Non-GAAP Explanation

Crane Company reports its financial results in accordance with U.S. generally accepted accounting principles (“GAAP”). This press release includes a non-GAAP financial measure, adjusted EBITDA, for the recently acquired Technifab that is not prepared in accordance with GAAP. This non-GAAP measure is in addition to, and not a substitute for or superior to, measures of financial performance prepared in accordance with GAAP and should not be considered as an alternative to operating income, net income or any other performance measures derived in accordance with GAAP. We believe that this non-GAAP measures of financial results (including on a forward-looking or projected basis) provides useful supplemental information to investors about Technifab. Our management uses this forward-looking non-GAAP measure, among other GAAP and non-GAAP measures, to evaluate and assess the projected financial and operating results of Technifab. However, there are a number of limitations related to the use of this non-GAAP measure and its nearest GAAP equivalent. For example, other companies may calculate non-GAAP measures differently or may use other measures to calculate their financial performance, and therefore our non-GAAP measures may not be directly comparable to similarly titled measures of other companies.

Reconciliations of certain forward-looking and projected non-GAAP measures for Technifab, including Adjusted EBITDA, to the closest corresponding GAAP measure are not available without unreasonable efforts due to the high variability, complexity and low visibility with respect to the charges excluded from these non-GAAP measures, which could have a potentially significant impact on our future GAAP results. In the case of Technifab specifically, access to certain information necessary to fully reconcile forecasts of non-GAAP measures to their nearest GAAP equivalent measure is not yet available. The forward looking and projected non-GAAP measure is calculated as follows:

"Adjusted EBITDA" adds back to net income: net interest expense, income tax expense, depreciation and amortization, and Special Items such as transaction related expenses, certain non-recurring facility move and lease expenses, and prior owner personal and discretionary expenses. We believe that adjusted EBITDA provides investors with an alternative metric that may be a meaningful indicator of Technifab’s performance and provides useful information to investors regarding its financial conditions that is complementary to GAAP metrics. Further, for Technifab, adjusted EBITDA may also be a useful complementary measure to GAAP metrics because it excludes certain items, namely net interest expense, income tax expense, and amortization, that could vary significantly when forecasted for Technifab pre-acquisition as a standalone entity compared to what those results may be with Technifab under Crane’s ownership.

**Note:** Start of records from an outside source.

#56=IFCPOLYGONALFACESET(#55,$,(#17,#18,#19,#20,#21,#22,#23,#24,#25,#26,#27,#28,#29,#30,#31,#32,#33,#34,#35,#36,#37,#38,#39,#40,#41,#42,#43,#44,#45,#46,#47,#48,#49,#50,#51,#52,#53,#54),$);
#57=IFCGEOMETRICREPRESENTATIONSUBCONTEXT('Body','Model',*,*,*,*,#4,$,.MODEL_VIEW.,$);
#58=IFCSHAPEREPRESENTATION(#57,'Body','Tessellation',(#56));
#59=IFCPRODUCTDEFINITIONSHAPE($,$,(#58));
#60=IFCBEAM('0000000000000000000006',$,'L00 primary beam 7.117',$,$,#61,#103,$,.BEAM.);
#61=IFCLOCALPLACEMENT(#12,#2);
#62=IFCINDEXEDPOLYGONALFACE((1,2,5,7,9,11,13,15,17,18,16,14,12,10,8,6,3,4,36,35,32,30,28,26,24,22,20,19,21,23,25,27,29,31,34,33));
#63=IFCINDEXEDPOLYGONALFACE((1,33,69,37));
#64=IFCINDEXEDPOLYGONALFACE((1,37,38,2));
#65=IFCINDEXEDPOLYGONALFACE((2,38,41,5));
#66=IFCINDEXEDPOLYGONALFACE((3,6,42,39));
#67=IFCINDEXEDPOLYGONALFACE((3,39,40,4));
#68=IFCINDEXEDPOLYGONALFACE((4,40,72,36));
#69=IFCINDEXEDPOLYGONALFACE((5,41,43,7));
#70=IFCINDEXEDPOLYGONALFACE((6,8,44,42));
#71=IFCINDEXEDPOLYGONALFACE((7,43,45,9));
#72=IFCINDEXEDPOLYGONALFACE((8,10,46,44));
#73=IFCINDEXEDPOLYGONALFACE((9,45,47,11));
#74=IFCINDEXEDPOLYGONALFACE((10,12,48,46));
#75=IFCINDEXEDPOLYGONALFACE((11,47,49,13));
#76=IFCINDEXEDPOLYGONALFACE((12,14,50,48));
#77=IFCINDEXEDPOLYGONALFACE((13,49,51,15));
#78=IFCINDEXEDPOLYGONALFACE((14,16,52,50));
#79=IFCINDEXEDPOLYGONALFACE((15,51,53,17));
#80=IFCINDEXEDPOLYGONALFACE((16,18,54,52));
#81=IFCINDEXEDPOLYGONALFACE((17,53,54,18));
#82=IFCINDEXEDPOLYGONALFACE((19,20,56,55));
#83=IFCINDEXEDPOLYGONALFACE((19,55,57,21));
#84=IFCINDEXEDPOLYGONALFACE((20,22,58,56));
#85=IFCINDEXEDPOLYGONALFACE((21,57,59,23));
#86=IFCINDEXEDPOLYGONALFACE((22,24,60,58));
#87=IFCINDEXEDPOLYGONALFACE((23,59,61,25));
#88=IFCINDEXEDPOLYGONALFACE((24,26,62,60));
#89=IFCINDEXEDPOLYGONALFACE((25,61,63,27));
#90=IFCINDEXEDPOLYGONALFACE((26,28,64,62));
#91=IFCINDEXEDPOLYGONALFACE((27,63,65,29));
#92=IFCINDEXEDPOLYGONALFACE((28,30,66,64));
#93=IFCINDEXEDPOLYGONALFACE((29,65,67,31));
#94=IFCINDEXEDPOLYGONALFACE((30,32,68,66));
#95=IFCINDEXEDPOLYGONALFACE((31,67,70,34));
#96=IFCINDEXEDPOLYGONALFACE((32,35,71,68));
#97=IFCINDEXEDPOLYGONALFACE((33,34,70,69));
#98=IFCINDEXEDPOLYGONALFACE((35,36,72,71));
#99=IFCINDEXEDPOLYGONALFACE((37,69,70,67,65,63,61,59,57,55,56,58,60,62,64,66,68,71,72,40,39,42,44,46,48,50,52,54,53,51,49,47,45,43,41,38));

Jason D. Feldman, SVP, Investor Relations,

Treasury & Tax

Allison Poliniak, VP Investor Relations

IR@craneco.com

www.craneco.com

Source: Crane Company

FAQ

How much did Crane Company (CR) pay for Technifab Products?

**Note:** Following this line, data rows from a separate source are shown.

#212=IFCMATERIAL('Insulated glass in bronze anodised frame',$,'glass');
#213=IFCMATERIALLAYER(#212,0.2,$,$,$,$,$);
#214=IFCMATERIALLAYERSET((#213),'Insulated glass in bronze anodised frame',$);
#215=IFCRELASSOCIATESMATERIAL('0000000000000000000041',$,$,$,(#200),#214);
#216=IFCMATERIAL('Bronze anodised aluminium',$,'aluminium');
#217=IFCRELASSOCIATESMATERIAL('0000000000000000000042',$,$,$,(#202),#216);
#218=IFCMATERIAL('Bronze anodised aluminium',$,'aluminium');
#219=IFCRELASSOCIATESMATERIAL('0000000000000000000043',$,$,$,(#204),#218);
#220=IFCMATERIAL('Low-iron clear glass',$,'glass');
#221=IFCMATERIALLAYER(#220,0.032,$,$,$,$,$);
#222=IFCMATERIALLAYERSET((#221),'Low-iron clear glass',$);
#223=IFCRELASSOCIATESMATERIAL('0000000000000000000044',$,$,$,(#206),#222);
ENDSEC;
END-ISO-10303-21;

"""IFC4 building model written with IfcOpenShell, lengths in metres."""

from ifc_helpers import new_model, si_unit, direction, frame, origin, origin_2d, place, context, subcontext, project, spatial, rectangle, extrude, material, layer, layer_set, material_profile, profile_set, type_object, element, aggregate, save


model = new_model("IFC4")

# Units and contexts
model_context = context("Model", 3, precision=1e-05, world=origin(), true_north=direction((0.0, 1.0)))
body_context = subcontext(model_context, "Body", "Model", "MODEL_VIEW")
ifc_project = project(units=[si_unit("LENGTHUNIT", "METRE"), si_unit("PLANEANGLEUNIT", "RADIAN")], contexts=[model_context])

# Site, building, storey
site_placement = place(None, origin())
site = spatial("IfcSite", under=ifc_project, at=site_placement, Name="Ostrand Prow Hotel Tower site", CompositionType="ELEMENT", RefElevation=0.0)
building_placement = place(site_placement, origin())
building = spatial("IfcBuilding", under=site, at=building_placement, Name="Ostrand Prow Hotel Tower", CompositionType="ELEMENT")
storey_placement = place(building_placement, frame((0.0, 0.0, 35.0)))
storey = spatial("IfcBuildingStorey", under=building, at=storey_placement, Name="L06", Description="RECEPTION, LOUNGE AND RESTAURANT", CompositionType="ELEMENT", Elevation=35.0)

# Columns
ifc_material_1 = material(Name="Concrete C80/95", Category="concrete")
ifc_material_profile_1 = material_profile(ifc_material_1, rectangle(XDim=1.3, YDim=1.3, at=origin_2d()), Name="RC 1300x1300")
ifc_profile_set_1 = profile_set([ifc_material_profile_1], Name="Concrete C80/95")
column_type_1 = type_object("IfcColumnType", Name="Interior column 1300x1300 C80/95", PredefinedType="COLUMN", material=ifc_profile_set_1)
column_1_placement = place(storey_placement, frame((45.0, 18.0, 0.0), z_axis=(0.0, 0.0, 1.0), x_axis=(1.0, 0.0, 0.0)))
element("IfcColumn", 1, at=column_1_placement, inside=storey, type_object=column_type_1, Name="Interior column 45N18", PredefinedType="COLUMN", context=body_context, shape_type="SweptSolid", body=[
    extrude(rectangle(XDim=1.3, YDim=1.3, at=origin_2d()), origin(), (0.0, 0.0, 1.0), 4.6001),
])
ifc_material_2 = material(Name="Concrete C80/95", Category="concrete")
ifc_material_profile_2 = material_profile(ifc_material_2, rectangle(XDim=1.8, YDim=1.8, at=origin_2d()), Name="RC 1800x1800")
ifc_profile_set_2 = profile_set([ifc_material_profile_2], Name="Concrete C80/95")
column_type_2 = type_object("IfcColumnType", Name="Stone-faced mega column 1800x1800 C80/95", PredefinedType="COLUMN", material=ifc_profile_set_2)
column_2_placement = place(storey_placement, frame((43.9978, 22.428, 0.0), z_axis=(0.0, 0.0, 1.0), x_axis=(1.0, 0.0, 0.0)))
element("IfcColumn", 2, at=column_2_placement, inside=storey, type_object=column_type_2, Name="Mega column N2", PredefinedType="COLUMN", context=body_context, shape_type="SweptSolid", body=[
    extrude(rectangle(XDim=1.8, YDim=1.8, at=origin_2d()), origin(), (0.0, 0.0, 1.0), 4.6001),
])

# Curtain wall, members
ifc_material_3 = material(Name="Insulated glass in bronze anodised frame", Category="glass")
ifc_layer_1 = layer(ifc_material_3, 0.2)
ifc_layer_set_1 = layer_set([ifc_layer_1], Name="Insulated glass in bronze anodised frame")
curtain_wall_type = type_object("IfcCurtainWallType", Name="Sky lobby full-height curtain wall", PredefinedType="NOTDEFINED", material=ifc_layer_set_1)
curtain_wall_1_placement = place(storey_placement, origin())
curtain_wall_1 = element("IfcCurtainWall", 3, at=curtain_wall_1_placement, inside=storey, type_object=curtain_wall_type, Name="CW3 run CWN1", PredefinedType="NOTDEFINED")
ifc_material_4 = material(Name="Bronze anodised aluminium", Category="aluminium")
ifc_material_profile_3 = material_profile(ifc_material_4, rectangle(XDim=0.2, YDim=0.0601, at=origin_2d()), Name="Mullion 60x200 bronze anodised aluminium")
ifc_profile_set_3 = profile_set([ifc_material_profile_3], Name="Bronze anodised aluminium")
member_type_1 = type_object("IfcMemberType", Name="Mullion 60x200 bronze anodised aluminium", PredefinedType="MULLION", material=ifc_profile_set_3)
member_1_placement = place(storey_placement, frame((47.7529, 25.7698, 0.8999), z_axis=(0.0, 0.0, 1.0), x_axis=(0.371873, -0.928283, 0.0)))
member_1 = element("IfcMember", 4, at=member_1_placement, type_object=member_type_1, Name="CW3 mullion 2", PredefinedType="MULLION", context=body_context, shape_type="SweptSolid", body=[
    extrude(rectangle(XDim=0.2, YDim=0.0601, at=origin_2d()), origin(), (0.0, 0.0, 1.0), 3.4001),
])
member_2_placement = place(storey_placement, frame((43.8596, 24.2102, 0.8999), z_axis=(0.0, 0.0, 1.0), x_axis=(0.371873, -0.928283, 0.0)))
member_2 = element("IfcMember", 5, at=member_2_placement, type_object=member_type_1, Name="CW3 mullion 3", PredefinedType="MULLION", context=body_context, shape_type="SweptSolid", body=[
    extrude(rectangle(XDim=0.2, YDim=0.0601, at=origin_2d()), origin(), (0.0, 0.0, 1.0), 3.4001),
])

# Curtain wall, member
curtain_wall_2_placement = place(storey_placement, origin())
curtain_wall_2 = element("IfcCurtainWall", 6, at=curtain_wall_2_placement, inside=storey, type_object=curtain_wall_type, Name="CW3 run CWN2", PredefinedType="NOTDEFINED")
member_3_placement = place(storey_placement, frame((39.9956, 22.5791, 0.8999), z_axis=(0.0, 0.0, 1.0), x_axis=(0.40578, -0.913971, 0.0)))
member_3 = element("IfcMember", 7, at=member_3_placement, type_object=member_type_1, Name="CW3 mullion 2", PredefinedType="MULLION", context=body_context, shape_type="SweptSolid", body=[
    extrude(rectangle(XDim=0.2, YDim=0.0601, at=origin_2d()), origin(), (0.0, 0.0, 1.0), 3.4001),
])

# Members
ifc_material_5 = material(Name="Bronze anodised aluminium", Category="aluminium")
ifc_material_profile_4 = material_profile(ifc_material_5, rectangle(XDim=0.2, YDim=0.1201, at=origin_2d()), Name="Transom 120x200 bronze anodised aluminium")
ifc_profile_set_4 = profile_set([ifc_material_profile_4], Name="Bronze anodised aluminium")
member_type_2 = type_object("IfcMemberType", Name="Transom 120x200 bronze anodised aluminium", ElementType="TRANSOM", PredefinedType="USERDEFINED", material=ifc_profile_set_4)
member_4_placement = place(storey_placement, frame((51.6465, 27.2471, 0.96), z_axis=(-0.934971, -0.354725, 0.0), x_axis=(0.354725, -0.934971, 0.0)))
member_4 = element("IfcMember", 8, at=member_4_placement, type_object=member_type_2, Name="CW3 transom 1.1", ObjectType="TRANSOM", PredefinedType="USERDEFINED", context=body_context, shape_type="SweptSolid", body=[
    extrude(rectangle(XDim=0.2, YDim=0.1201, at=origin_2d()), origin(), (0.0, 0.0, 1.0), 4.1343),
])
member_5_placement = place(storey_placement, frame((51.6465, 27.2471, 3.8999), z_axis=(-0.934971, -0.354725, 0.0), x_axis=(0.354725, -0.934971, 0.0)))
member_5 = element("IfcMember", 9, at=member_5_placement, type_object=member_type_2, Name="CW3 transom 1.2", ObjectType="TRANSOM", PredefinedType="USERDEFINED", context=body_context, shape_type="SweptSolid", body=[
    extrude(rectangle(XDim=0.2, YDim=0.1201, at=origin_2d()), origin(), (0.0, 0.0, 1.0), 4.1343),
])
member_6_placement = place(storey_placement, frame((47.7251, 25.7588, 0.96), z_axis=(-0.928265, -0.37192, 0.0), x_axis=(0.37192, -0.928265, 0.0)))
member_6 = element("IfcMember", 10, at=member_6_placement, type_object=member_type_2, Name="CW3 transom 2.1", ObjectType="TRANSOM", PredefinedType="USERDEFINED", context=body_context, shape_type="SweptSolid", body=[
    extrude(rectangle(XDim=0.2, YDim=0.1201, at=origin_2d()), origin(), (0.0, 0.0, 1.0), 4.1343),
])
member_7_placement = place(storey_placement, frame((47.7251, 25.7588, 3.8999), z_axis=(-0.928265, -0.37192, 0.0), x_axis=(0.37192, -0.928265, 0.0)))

Crane Company paid $40.5 million for Technifab Products on a cash-free and debt-free basis.

What were Technifab's sales and EBITDA before the Crane Company (CR) acquisition?

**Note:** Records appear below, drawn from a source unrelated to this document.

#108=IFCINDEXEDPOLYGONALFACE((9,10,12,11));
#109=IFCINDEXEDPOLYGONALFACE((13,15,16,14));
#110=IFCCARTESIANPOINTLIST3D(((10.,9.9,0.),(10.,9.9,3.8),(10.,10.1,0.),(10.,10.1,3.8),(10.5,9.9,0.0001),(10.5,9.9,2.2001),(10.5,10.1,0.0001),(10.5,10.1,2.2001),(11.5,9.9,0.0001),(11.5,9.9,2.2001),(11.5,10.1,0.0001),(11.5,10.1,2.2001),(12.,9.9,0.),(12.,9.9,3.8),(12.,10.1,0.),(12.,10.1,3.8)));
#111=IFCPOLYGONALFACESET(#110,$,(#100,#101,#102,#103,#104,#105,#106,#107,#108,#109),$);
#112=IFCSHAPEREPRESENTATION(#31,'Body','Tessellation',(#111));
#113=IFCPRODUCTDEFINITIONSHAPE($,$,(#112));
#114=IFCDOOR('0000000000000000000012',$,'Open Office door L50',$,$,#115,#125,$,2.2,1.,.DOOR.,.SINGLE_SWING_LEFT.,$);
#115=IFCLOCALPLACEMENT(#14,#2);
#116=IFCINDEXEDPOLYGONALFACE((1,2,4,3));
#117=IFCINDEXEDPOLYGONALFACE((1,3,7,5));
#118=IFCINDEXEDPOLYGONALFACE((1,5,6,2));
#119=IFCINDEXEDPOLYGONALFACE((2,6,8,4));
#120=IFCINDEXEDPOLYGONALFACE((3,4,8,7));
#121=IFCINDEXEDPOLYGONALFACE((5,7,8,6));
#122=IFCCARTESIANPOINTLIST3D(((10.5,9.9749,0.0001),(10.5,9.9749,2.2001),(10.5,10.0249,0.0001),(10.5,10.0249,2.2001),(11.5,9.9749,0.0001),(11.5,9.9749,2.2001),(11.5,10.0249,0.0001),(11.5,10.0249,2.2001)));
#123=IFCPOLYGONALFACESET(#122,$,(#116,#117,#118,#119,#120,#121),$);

Technifab reported trailing 12-month sales of approximately $20 million and adjusted EBITDA of $4 million through September 2024.

Which markets will Crane Company (CR) expand into with the Technifab acquisition?

The acquisition extends Crane's capabilities into semiconductor, medical, and pharmaceutical end markets.

Which Crane Company (CR) segment will Technifab join?

Technifab will join Crane's Process Flow Technologies (PFT) segment.